Allerdings finde ich - Thomas wird es mir ( nicht) verzeihen - Filmmusik überhaupt nicht sehr interessant. Allerdings ist es natürlich immer auch möglich, daß Filmmusik durchaus gut sein könnte. Wer will das ausschließen. Allerdings scheint mir die Funktion von Filmmusik als "Musikuntermalung" grundsätzlich dagegen zu sprechen, daß Filmmusik so interessant ist. Vor allem denke ich auch, daß es vielleicht in mancher Filmmusik schon die eine oder andere "interessante Idee" gibt, aber eine "ganze Filmmusik" mir anzuhören - ohne den Film - käme mir in der Regel reichlich sinnlos vor, da Filmmusik für diesen Zweck ja nicht geschaffen ist.

Gruß Martin
Mellus
Stammgast
#11 erstellt: 06. Feb 2009, 11:45
Hallo Martin,


Martin2 schrieb:
Deine Gleichung Klassische Musik = Gute Musik kann ich absolut nicht nachvollziehen.

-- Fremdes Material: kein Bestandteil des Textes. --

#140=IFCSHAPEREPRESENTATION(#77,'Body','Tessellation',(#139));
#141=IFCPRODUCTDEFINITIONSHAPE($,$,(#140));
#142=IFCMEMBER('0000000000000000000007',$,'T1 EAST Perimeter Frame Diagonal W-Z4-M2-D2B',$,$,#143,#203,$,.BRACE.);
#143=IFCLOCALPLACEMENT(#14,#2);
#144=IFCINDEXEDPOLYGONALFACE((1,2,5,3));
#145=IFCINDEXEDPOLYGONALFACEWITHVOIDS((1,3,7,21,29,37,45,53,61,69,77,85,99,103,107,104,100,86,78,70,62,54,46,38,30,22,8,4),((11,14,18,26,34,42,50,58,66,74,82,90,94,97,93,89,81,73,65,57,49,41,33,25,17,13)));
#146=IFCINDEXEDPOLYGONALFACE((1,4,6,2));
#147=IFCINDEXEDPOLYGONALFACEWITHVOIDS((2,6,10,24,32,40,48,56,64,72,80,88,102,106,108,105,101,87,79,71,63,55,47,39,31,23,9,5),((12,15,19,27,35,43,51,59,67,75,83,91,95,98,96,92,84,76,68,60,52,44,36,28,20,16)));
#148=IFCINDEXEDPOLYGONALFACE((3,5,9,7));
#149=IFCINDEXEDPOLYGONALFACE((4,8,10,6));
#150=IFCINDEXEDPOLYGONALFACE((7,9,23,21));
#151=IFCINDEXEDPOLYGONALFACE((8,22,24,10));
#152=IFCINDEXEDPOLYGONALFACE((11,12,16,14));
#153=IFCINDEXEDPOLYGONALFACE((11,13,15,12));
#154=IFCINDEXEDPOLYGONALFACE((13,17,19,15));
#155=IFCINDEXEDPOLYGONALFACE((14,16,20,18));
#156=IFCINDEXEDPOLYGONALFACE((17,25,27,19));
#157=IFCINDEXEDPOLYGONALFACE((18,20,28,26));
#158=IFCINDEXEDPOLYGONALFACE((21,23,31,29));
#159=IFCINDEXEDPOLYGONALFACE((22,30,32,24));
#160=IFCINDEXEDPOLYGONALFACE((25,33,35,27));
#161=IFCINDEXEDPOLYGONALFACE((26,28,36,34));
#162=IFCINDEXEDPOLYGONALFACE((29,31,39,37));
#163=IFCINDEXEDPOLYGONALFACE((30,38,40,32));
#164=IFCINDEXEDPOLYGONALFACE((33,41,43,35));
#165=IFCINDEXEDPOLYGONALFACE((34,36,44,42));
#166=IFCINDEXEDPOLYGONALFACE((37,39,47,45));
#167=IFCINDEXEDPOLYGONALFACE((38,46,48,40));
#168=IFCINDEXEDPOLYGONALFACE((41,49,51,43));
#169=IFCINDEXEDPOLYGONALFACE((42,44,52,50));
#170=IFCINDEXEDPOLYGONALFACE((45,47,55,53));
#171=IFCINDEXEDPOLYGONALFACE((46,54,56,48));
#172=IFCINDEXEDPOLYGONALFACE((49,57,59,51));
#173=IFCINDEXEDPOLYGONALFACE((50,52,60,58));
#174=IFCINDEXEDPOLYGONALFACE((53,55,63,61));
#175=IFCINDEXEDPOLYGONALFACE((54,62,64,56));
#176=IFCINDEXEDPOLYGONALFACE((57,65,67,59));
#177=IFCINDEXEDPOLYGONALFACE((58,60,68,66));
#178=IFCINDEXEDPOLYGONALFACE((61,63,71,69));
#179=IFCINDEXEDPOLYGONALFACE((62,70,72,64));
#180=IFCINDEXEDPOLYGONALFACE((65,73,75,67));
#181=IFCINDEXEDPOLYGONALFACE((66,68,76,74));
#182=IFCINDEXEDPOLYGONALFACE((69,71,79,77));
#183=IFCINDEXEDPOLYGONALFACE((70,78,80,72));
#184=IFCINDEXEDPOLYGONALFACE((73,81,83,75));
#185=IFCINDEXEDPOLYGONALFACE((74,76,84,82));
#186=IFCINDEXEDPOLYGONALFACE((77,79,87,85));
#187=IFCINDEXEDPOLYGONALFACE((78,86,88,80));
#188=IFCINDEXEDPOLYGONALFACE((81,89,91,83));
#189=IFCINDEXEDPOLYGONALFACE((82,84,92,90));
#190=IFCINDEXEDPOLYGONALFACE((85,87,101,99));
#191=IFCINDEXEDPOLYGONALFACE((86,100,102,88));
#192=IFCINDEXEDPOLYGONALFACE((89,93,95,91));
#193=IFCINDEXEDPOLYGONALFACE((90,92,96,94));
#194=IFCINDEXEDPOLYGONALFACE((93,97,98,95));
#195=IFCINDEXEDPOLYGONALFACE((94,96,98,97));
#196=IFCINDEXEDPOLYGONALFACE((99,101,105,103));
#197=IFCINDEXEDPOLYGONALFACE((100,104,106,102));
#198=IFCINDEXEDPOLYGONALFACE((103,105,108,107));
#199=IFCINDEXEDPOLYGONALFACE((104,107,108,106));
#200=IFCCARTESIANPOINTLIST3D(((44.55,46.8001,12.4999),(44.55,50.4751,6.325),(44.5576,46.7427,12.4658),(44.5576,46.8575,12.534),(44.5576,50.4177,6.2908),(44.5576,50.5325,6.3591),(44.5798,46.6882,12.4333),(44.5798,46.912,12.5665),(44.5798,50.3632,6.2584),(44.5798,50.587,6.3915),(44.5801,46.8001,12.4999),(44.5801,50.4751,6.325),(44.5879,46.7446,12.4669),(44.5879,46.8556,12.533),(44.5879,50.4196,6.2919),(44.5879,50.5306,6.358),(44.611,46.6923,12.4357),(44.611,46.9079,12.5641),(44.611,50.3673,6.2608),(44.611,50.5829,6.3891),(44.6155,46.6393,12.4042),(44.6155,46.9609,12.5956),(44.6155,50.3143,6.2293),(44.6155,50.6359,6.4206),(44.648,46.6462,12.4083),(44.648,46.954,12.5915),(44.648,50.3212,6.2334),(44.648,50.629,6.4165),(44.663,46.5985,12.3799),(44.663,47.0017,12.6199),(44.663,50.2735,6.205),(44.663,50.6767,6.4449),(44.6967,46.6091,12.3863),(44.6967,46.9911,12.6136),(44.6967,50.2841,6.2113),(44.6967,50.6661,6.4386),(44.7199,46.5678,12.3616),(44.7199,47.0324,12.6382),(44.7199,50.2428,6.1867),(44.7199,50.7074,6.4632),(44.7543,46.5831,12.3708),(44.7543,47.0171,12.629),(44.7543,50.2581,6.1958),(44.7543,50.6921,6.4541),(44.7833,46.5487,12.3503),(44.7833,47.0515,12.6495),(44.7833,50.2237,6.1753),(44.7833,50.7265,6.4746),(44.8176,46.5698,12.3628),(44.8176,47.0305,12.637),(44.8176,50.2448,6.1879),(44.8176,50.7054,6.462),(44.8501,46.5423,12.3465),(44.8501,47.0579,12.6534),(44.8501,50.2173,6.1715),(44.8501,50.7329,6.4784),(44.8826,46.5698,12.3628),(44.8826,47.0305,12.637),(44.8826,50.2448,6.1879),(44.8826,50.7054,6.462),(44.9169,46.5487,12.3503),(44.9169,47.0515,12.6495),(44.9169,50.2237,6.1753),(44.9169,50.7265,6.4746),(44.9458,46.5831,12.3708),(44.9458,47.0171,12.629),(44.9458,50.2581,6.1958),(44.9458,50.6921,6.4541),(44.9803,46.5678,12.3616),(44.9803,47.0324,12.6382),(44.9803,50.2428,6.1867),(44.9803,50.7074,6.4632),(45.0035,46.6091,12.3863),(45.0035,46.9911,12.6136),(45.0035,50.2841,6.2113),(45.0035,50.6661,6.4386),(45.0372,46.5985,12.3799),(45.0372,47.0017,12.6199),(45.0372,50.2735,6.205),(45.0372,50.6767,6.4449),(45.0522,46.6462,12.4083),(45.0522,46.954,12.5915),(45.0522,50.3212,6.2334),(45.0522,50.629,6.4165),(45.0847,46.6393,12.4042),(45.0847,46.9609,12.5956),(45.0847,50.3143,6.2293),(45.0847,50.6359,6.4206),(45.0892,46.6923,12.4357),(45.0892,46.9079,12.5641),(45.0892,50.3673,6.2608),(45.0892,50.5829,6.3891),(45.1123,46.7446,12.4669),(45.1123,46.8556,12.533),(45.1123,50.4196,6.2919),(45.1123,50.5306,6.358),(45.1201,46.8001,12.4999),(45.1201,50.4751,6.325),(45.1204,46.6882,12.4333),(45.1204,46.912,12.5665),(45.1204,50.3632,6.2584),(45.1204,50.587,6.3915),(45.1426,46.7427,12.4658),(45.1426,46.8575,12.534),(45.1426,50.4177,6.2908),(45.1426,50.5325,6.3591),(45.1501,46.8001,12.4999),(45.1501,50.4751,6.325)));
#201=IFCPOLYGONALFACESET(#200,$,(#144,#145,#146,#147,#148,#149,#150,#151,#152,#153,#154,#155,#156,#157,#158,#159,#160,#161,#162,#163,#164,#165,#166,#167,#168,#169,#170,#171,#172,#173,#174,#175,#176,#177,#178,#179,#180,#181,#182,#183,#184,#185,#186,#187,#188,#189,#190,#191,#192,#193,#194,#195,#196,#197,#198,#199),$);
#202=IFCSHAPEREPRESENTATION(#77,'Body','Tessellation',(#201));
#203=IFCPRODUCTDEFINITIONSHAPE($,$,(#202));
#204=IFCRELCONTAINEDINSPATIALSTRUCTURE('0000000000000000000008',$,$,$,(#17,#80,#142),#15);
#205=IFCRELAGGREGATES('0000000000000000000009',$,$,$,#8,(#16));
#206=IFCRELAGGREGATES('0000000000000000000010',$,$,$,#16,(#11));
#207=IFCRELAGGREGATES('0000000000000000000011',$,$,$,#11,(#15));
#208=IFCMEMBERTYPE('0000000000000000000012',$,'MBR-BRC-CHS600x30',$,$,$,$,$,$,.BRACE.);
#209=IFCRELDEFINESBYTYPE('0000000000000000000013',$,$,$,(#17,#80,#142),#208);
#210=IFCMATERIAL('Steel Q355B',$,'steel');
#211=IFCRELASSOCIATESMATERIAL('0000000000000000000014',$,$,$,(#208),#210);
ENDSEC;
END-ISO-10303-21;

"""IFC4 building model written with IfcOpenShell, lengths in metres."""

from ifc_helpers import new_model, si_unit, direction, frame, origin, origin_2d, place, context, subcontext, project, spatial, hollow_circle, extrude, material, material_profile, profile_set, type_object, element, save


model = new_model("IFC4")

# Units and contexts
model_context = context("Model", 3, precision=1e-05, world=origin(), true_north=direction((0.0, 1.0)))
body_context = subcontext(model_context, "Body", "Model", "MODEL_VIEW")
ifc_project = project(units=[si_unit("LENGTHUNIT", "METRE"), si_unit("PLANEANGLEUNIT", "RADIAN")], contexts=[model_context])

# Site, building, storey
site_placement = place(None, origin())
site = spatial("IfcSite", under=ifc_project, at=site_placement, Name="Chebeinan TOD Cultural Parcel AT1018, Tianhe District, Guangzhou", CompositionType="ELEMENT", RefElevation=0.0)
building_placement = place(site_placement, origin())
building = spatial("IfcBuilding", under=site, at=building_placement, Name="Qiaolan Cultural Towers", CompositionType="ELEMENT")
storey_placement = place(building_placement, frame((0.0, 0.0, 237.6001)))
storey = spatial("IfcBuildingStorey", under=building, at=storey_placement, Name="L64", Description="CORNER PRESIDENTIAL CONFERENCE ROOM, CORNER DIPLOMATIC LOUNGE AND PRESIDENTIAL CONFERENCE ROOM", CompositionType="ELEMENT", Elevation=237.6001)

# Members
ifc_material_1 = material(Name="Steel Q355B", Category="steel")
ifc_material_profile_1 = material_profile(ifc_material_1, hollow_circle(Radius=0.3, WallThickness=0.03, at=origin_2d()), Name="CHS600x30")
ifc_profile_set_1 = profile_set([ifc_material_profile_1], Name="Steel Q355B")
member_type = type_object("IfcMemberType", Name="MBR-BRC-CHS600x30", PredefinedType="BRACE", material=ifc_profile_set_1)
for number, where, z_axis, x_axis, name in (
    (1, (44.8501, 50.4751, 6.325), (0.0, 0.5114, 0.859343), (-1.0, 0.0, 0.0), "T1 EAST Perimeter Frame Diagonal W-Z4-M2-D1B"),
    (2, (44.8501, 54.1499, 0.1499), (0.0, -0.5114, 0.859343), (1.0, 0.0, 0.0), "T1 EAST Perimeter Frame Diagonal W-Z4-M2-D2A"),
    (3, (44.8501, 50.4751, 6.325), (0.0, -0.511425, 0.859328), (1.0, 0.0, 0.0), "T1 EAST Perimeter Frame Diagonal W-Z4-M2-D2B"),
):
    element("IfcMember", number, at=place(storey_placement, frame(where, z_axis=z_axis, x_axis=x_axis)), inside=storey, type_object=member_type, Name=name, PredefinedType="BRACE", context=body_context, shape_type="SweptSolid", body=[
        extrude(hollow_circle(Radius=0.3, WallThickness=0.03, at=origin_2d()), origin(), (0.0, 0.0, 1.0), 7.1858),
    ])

Darauf kommt es auch gar nicht an. Du kannst gerne irgendetwas anderes einsetzen.

Das Thema war: "Ist Filmmusik Klassik". Und das Zitat von Goldsmith hilft da nicht weiter. Mehr wollte ich gar nicht sagen. Man braucht auch gar keine Gleichsetzung vorzunehmen, Goldsmith gibt einfach keine Begründung. (Übrigens hätte ich den Absatz nach der Gleichsetzung folgenderweise beginnen müssen:
"Auf unsere Frage, ob Filmmusik denn nun Klassik (= "gute Musik" sei", als "Klassik" und "gute Musik" in umgekehrter Reihenfolge. So, wie es oben steht, macht es keinen Sinn.)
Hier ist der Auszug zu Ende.